Au moment de la fusion des municipalités en Outaouais, le ruisseau de la Brasserie a été classé un des dix éléments patrimoniaux méritant protection en ce qu’il témoigne des origines de la ville. En 2009, les « Brasseurs du temps » se sont installés dans l’édifice de l’ancienne brewery devenue entre-temps un château d’eau. Ils y brassent le houblon et la nostalgie, un peu comme ceux qui, en 2004, ont rouvert pas très loin le « Petit Chicago » pour renouer avec la tradition des musiciens en direct et des « longues soirées mémorables ». Les bagarres en moins.

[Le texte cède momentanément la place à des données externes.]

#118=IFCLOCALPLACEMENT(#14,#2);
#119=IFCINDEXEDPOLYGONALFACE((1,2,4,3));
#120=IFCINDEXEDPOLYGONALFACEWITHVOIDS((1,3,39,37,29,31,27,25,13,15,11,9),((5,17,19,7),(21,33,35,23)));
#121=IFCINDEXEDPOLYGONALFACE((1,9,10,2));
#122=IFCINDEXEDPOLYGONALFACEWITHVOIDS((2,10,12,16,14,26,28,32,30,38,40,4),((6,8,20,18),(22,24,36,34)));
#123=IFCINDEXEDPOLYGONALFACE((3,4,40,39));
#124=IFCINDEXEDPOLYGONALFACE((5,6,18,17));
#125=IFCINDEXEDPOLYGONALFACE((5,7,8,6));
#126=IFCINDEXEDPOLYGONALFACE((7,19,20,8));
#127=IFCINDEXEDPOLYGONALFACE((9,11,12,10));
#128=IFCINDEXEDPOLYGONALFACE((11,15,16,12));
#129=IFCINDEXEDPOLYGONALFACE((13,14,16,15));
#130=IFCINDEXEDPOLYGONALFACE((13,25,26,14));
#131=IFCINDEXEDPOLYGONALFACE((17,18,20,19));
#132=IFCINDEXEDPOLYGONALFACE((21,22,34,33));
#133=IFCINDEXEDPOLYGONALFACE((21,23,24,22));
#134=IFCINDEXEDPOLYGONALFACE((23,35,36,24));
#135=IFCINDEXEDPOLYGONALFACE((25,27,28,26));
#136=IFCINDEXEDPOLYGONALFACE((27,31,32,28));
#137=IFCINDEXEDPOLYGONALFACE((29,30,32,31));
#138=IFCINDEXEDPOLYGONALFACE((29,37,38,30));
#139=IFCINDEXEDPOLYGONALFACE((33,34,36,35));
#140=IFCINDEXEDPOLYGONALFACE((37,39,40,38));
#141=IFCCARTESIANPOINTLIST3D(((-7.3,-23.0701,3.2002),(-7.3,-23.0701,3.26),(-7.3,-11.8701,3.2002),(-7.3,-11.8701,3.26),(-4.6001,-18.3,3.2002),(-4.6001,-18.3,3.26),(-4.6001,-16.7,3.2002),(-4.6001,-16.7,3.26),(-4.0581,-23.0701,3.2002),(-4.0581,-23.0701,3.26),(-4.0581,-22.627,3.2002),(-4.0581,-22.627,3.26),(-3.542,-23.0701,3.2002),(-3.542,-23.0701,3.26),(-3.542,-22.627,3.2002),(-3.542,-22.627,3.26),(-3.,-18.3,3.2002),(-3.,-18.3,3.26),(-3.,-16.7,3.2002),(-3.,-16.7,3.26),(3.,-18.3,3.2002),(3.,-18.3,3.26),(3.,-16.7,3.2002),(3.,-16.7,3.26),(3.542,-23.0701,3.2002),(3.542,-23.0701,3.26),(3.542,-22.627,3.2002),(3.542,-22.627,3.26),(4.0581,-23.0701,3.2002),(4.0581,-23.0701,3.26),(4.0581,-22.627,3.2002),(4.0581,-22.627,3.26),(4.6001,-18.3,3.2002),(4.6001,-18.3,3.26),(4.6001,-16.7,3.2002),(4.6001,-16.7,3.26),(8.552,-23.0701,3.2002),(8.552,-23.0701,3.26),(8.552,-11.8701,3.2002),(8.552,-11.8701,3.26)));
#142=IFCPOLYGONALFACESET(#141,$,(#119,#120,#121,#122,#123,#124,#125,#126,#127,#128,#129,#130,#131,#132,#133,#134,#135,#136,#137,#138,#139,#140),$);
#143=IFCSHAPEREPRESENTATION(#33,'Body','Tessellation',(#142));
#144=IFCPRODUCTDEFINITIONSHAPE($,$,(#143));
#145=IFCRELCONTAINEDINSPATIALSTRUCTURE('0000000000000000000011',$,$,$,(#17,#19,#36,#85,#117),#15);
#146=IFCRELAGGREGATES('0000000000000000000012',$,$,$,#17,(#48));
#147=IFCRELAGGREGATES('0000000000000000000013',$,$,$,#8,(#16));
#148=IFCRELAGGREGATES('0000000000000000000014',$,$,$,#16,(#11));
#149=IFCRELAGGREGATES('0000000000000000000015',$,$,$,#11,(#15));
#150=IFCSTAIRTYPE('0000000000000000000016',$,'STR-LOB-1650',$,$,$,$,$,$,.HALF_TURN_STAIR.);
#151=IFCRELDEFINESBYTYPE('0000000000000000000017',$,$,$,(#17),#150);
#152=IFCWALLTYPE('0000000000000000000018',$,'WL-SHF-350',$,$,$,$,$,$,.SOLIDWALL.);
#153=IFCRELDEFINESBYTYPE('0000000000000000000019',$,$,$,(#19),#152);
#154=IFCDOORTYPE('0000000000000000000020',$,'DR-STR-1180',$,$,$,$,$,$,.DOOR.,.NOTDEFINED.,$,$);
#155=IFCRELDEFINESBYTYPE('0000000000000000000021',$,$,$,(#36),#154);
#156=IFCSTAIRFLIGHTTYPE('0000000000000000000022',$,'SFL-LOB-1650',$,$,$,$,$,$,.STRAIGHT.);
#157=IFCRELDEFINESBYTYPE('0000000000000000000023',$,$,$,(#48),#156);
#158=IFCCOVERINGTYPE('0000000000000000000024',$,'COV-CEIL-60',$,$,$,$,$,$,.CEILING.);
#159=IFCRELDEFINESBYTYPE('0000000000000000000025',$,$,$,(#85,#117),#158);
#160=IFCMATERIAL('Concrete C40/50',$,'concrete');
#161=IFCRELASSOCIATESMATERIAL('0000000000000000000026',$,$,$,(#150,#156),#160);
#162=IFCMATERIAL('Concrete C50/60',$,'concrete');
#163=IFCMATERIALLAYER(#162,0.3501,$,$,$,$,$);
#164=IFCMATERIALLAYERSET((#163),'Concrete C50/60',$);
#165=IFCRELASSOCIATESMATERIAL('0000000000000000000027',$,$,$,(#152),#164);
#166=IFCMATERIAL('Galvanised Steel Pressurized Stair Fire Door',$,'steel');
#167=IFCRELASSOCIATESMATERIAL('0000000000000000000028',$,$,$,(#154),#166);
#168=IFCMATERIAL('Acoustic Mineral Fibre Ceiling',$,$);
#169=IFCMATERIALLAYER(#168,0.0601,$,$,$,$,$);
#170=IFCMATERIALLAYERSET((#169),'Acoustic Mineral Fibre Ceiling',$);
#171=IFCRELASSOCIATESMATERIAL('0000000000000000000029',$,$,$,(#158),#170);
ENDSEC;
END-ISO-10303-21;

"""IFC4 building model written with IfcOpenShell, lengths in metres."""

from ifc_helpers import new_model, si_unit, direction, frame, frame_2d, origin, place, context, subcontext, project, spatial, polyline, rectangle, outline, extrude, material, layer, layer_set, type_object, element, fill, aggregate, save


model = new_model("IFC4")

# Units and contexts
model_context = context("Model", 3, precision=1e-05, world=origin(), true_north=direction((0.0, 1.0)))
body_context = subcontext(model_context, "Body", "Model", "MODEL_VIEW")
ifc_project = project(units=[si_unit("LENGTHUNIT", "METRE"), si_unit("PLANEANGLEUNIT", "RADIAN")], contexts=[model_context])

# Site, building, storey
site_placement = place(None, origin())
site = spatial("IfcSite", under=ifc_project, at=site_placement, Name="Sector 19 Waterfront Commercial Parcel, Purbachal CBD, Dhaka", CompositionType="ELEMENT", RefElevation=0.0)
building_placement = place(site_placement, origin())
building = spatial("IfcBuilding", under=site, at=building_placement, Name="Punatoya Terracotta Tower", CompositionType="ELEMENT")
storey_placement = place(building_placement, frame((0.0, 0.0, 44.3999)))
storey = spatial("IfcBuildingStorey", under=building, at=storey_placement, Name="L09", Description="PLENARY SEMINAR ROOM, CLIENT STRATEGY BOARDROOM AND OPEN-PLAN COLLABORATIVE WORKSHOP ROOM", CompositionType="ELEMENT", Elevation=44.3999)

La brasserie Les Brasseurs du temps présente une exposition permanente sur le patrimoine brassicole de la région outaouaise. L’admission y est gratuite.

2 commentaires
  • France Marcotte - Inscrite 12 juillet 2012 14 h 36

    Travers

    Pardonnez mon insistance mais...où sont les femmes dans ce récit?

    L'industriel et juge de paix Philemon Wright,
    les coureurs des bois,
    les travailleurs irlandais,
    la surveillance militaire du chantier,
    Jos Montferrand et les canadiens français des chantiers forestiers,
    l'historien qui en parle...

    Ah je les vois!
    Elles sont au fond des bordels minables,
    on les devine aussi en mères de famille se rongeant les sangs d'inquiétude en attendant le retour de leurs hommes.

    Alors, pourquoi parle-t-on de "ces gens" qui ont fait l'histoire.

    L'histoire, c'est aussi cette étrange absence des femmes des lieux publics.

    • France Marcotte - Inscrite 12 juillet 2012 14 h 49

      Des lieux et pire...de la vie publique.